Не покачнулся, не сбился с пути. Не соблазнился дешевым успехом «ниспровергателей».
И не случайно, русский до мозга костей, с обостренным чувством любви к Родине, исторг из своего существа этот пронзительный вскрик: «Россия, Русь! Храни себя, храни!..» Не рвущее душу стенание, а тревожный колокольный набат — вот что такое эта стихотворная строка в пять коротких слов, из которых два повторяются дважды. Набат, как известно, к смирению не зовет.
Вообще в стихах Рубцова последних лет понятия Россия и Русь встречаются, как никогда, часто.
Вместе с тем напряжение, в котором пребывали и литература, и страна, болезненно ощущалось и болезненно переносилось поэтом. Как-то на вечере, посвященном его памяти, известный стихотворец, вспоминая Рубцова, рассказывал:
— Приходил он к нам в «Юность» — такой тихий, застенчивый, в пестром шарфике. Мы его так и прозвали: «Шарфик». Убежден, он, Шарфик, жил только поэзией, ни о чем другом не думал.
Думал. О многом думал. Не Шарфик — поэт и гражданин Николай Рубцов.
Не зная иного выхода для своей печали, шел на скандал, на чудачества.
В комнате общежития размашисто, через всю стену, начертал ломаными, неровными строчками: «Я, Николай Михайлович Рубцов, возможность трезвой жизни отрицаю!..»
Как топором врубил.
Тут, на грех, комиссия с проверкой общежития. Вселенский скандал! Приказ об изгнании из стен. Студенты снарядили делегацию к ректору — с трудом отстояли.
Историю о том, как Рубцов «беседовал» с классиками, доводилось мне слышать от доброго десятка людей. Среди них — известные поэты, руководители творческих семинаров в институте; часто печатающийся критик; несколько серьезных прозаиков. И каждый давал руку на отсечение, что был очевидцем. А звучало примерно так:
Захожу, понимаешь ли, к Николаю Михайловичу — и оторопь берет. Он до чего додумался! Снял со стен на этажах портреты Пушкина, Лермонтова, Белинского, Блока, снес к себе в комнату, расставил у стены и учинил с ними пьянку.
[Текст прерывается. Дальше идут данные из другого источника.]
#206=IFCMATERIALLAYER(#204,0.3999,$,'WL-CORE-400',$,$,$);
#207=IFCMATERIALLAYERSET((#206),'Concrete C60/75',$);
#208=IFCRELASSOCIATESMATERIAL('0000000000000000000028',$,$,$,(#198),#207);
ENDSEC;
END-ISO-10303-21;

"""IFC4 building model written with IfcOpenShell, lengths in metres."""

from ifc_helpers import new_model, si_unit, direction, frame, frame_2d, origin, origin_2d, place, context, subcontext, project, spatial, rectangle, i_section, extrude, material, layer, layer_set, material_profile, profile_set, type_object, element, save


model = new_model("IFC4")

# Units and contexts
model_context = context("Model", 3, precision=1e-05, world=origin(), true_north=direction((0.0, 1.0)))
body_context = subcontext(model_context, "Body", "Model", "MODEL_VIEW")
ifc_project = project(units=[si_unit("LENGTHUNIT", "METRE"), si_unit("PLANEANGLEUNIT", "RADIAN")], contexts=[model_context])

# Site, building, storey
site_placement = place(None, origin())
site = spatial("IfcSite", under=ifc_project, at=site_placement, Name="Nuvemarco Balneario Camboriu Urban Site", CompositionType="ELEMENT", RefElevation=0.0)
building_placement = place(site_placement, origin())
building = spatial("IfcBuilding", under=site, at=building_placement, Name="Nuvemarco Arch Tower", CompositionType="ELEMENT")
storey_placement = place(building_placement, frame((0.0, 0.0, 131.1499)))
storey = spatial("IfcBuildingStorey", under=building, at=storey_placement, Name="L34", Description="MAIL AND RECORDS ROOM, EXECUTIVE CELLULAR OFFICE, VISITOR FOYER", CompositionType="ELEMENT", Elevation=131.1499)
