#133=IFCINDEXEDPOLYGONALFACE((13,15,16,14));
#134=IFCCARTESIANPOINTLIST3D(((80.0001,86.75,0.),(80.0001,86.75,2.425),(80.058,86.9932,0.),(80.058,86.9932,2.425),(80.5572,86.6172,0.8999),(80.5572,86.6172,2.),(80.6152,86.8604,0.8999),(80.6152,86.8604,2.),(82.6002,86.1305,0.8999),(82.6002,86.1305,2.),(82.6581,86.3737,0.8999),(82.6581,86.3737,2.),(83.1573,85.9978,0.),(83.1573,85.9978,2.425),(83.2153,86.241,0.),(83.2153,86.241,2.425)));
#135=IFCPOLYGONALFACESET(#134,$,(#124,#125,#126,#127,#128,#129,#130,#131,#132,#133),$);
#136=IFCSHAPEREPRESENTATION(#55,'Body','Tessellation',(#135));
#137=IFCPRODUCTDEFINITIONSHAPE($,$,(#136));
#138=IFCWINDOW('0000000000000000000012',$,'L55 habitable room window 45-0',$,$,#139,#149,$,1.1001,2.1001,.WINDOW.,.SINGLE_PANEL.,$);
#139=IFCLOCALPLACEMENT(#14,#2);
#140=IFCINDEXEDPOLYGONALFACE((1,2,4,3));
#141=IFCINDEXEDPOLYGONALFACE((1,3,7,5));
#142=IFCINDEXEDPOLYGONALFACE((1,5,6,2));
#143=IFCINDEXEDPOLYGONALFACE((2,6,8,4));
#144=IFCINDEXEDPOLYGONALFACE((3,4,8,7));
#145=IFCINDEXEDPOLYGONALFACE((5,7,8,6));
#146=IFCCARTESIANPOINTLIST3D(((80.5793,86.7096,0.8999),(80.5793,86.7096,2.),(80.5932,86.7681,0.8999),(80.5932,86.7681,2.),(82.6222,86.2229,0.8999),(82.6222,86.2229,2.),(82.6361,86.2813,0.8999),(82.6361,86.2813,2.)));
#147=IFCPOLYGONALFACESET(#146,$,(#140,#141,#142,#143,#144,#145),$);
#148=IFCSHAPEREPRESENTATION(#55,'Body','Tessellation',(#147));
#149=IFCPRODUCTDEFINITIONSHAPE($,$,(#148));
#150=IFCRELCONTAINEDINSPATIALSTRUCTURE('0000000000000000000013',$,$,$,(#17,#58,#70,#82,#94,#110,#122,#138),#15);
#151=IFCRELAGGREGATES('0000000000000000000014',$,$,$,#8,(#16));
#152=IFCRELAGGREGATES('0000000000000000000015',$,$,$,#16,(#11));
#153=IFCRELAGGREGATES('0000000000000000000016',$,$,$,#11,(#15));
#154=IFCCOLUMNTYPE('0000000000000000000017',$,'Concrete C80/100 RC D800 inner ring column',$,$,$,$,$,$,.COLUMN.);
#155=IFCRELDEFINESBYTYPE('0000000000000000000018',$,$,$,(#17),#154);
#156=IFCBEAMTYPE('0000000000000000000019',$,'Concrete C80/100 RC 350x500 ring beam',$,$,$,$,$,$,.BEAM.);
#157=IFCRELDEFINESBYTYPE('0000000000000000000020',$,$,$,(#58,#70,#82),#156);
Им наливает и себя не обходит. Да еще чокается с каждым: «Ваше здоровье, Александр Сергеевич!.. Ваше, Михаил Юрьевич!..» Ну и далее, по порядку. Только я на порог — он мне жест рукою: «Выйди вон, не мешай! Видишь, я с классиками беседую, с равными себе. А ты тут лишний!»
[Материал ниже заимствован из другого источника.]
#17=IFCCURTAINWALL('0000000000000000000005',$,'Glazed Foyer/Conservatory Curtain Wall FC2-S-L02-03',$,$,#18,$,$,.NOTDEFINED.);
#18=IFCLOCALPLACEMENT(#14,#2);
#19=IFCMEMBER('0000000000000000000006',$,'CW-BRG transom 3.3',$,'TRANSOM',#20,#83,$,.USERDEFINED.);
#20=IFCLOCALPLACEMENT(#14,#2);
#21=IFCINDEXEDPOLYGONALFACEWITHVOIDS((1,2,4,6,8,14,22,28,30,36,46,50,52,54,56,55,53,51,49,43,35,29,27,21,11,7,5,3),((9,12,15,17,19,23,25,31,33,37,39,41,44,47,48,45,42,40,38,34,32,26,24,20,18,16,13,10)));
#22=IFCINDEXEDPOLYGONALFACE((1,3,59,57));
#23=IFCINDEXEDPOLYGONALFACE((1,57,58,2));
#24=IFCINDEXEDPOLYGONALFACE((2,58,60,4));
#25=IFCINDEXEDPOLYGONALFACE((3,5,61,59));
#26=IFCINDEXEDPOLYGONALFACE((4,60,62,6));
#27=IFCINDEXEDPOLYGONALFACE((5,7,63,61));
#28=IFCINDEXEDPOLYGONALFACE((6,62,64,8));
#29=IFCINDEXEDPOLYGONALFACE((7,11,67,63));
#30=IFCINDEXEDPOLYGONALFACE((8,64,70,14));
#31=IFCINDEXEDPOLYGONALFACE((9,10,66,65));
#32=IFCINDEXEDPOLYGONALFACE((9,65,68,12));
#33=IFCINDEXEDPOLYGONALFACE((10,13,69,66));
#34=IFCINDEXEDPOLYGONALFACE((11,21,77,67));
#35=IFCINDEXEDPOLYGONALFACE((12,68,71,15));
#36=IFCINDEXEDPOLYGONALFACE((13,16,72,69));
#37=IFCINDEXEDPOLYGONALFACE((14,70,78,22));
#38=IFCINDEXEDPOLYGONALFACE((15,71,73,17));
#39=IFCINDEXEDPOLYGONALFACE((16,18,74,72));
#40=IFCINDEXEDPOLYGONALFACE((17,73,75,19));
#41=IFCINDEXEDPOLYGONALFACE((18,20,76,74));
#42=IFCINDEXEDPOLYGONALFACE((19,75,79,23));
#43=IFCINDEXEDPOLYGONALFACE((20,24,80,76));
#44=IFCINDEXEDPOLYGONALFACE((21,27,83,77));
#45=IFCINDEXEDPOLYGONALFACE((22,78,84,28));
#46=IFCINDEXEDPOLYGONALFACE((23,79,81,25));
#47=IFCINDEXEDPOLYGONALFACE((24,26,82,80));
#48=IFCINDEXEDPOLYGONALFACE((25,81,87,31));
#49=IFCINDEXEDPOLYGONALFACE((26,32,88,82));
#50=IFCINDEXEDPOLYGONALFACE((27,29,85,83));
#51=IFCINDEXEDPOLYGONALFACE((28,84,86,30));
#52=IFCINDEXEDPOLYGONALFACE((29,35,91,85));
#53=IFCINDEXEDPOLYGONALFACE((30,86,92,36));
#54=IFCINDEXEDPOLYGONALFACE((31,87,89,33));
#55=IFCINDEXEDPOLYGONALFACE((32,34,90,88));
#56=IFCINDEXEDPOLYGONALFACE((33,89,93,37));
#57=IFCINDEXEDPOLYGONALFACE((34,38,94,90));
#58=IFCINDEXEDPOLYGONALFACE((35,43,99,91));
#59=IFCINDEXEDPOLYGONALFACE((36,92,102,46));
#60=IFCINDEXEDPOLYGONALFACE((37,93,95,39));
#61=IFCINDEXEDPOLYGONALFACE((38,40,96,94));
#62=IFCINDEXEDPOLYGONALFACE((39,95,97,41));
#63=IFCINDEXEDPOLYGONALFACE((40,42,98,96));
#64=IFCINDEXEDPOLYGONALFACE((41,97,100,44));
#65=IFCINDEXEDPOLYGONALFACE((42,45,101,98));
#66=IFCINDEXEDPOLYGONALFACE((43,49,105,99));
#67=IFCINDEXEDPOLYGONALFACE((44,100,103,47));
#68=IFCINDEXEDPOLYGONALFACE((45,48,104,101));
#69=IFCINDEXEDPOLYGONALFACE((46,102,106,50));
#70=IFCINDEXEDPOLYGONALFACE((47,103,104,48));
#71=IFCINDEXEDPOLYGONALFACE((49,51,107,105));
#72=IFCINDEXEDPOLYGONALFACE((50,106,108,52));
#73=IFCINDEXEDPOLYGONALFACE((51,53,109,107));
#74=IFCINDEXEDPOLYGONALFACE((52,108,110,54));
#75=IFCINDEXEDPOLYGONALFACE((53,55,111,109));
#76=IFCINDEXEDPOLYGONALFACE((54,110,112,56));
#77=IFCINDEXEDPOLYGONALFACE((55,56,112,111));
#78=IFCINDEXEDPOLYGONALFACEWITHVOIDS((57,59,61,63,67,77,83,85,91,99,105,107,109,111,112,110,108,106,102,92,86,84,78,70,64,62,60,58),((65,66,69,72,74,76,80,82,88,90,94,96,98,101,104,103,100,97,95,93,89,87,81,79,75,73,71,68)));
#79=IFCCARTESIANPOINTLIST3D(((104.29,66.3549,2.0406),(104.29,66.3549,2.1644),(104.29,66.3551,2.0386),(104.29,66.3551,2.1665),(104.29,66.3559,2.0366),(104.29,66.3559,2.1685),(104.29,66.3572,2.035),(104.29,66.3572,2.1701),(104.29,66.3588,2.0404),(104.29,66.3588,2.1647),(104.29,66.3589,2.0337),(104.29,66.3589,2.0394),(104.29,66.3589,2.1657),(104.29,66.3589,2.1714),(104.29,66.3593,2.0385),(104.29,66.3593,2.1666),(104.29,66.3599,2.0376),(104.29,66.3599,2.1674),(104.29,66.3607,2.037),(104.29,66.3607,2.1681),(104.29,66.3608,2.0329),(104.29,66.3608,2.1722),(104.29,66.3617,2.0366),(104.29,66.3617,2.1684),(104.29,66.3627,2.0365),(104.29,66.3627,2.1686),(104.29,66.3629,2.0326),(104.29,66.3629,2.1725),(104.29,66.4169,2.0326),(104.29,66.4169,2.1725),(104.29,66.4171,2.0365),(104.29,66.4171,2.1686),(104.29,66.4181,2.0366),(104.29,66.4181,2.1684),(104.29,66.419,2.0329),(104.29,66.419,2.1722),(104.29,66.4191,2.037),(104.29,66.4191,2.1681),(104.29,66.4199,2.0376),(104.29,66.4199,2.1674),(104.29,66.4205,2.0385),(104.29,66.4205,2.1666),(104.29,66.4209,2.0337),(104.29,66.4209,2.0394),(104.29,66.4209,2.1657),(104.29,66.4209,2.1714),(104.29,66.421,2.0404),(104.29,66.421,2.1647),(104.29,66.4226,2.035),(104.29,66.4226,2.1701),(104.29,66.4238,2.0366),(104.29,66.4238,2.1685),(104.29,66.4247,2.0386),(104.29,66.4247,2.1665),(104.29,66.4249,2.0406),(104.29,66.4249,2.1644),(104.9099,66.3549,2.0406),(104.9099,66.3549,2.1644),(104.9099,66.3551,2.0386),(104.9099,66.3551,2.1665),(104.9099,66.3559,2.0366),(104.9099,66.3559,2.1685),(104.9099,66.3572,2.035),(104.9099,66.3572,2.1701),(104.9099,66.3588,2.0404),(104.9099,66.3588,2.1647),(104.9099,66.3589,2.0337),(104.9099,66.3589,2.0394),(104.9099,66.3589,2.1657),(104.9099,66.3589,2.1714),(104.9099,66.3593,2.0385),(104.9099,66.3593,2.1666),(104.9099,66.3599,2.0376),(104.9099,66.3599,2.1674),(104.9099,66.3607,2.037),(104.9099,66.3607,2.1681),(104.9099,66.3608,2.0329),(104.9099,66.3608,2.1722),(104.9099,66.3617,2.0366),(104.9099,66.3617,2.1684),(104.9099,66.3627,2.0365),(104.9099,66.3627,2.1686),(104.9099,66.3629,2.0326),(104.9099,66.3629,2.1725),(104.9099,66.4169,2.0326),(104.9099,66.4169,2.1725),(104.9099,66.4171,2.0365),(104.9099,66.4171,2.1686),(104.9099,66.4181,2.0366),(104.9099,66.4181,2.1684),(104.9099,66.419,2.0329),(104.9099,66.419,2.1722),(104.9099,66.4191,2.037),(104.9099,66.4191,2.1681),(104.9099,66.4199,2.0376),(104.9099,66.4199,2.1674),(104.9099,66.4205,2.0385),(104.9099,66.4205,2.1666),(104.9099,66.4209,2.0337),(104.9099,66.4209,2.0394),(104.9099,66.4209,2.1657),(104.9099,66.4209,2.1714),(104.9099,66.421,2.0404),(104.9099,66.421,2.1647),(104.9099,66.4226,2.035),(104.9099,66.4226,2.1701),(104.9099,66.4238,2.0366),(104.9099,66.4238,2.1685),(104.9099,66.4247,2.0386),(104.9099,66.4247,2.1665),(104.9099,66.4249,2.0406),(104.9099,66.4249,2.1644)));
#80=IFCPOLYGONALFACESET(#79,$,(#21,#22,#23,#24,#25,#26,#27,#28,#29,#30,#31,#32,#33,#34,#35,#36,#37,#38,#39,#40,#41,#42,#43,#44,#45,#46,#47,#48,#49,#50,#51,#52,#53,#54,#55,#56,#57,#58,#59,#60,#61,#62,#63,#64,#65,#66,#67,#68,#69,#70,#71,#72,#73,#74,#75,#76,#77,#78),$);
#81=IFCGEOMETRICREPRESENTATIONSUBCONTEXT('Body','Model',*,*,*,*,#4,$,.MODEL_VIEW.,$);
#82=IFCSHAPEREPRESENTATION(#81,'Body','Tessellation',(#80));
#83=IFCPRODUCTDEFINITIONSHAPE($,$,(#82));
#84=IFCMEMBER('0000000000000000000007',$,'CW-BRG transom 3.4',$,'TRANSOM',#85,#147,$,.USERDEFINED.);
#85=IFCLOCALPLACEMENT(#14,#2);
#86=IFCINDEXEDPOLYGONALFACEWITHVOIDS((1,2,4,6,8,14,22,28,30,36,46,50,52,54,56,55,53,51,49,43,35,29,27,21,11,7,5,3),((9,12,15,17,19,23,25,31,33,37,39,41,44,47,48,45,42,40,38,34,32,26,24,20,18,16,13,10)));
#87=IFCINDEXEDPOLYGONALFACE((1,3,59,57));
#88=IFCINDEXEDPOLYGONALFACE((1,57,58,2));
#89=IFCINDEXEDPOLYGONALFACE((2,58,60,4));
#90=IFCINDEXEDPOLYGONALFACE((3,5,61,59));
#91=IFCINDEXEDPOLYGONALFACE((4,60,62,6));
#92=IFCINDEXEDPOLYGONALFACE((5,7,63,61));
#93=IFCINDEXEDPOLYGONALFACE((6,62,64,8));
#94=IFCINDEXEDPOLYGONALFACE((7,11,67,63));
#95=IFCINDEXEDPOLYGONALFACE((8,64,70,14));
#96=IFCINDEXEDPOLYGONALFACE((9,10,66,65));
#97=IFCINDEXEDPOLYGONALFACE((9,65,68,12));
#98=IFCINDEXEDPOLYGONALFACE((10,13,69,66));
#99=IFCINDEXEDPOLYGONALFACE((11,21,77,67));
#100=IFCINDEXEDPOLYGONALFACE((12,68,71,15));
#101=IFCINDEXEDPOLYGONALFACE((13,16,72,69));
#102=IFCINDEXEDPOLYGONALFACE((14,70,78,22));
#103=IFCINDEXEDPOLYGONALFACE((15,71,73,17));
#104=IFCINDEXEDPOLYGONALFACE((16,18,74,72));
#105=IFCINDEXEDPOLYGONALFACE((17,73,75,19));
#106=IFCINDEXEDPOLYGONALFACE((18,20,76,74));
Так оно и было, все тут правильно, за исключением одной, возможно, не самой существенной детали. Истинные очевидцы этого эпизода — студенты Борис Шишаев и Василий Нечунаев: как раз их-то и выгнал Коля за порог. Был и еще один свидетель — комендант общежития Палехин, единственный, кажется, человек, при виде которого Рубцов испытывал неподдельное чувство страха. Других очевидцев не было! Я застал Колю уже в тот момент, когда он, протрезвевший, тихий и покорный, под надзором коменданта разносил портреты по этажам, водворяя на место.
На другой, кажется, день нашелся у него подражатель: этот пытался снять на этажах часы — большие, типа корабельных, впаянные в стенку на две стороны.
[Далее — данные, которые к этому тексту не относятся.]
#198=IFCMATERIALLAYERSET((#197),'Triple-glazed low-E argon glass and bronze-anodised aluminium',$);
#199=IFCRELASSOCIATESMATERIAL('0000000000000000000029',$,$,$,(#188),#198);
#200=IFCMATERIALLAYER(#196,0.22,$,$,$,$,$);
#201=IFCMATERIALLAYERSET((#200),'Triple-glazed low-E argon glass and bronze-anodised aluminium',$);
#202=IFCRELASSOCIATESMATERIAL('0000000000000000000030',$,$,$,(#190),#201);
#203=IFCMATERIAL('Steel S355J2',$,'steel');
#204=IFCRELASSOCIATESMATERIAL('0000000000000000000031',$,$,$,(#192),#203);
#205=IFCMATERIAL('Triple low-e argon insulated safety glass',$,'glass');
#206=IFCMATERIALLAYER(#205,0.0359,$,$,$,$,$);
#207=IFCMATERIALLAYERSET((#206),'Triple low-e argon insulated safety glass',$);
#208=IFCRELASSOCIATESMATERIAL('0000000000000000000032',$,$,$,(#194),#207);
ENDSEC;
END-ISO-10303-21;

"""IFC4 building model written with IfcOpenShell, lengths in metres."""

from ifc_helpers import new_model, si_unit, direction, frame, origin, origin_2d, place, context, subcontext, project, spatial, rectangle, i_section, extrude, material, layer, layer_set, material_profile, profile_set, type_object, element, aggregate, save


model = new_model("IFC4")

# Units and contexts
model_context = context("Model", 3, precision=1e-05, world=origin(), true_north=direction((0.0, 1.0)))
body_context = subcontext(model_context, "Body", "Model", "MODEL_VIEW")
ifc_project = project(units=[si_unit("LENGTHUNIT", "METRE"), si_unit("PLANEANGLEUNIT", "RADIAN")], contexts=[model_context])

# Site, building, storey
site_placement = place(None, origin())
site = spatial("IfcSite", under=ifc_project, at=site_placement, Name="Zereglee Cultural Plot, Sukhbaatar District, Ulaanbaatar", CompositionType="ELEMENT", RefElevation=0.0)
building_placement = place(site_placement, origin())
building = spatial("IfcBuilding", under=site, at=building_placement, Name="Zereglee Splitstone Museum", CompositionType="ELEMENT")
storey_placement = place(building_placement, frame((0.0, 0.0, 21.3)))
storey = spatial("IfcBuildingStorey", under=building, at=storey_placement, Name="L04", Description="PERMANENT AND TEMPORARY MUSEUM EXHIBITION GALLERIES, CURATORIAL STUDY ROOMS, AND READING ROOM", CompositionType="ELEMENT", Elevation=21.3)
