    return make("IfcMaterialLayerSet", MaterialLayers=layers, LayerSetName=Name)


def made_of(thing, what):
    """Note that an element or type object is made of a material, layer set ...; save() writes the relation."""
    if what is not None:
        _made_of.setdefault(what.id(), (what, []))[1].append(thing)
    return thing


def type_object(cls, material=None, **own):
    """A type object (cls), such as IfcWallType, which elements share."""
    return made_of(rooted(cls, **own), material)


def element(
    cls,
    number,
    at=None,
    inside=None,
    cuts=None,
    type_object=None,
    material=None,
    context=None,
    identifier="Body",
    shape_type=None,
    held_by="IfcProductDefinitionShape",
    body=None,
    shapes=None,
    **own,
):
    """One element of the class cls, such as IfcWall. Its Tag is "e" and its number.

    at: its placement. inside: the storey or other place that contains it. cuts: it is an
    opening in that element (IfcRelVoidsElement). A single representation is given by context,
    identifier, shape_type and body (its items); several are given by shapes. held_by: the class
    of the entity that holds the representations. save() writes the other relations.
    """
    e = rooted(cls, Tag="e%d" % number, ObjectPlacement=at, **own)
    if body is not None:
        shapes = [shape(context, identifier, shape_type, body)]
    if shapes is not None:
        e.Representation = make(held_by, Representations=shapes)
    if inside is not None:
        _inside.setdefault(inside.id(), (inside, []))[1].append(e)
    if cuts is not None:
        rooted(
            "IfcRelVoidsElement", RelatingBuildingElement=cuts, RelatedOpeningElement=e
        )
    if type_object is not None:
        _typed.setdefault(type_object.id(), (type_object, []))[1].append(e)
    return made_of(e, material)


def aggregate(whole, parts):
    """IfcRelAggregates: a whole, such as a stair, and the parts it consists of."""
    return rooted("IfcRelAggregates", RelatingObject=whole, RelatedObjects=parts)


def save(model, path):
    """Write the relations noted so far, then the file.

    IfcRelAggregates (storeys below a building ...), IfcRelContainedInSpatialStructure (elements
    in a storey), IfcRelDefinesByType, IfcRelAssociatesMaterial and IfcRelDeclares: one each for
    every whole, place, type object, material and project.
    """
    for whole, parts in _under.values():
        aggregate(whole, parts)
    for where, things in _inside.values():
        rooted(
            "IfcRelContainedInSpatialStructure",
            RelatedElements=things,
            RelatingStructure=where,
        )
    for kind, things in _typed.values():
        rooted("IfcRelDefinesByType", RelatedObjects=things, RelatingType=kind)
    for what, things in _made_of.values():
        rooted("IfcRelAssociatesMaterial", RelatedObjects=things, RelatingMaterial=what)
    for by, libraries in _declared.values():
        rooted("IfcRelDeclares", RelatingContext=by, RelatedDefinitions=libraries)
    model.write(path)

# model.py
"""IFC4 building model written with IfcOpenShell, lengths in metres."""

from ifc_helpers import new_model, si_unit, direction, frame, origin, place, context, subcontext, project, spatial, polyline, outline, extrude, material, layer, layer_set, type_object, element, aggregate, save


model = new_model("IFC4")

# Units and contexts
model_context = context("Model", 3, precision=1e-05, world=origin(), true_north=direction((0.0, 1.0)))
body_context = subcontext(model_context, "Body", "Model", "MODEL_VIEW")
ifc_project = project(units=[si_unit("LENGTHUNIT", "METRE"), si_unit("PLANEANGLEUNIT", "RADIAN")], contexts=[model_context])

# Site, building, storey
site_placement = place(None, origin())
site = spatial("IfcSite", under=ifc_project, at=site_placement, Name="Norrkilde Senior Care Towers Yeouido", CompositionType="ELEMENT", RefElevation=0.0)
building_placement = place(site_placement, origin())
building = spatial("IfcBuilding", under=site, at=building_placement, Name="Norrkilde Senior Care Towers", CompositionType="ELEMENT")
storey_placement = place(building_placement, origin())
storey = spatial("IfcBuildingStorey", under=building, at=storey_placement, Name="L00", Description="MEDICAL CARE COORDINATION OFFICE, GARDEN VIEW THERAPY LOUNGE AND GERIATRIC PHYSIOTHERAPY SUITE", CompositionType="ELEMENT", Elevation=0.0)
Может, и не стоило бы ворошить все это давнее, неблагополучное, но пора положить конец домыслам и досужим инсинуациям. Пора очистить зерна от плевел, пока еще живая наша память способна воссоздать образ Рубцова таким, каким был поэт въяве.
3
Наверно, каждый творческий вуз богат своими чудаками: на то он и творческий! И все же убежден, пальма первенства принадлежит Литературному институту. Что ни студент — оригинал! На какие только трюки ни пускались, чтобы прославить или утвердить себя! Вот сей-; час, когда пишу эти строки, вспоминаю почему-то Сашу С. Прескверные сочинял стихи, зато как здорово — без отдыха, кавалерийским аллюром — по ступенькам лестницы поднимался на руках на седьмой этаж. И спускался вниз, опять же на руках! Иные чудачества десятилетиями хранятся в памяти поколений. Салажата от литературы уже не про отцов — про дедов рассказывают, живописуя их дебоши, амурные похождения, взаимоотношения с преподавателями, а то и просто удачную строчку, незамысловатый экспромт, лихой сюжетец, так и не вышедший за рамки устного словотворчества. Жаль, что Alma mater наша до сих пор не взрастила собственного Николая
Васильевича Гоголя! Какие возможности для написания новых «Вечеров», скажем, «...в общежитии Литинститута, близ Зеленого дома». «Зеленым домом», по цвету приземистого зданьица, именовалась наша троллейбусная остановка.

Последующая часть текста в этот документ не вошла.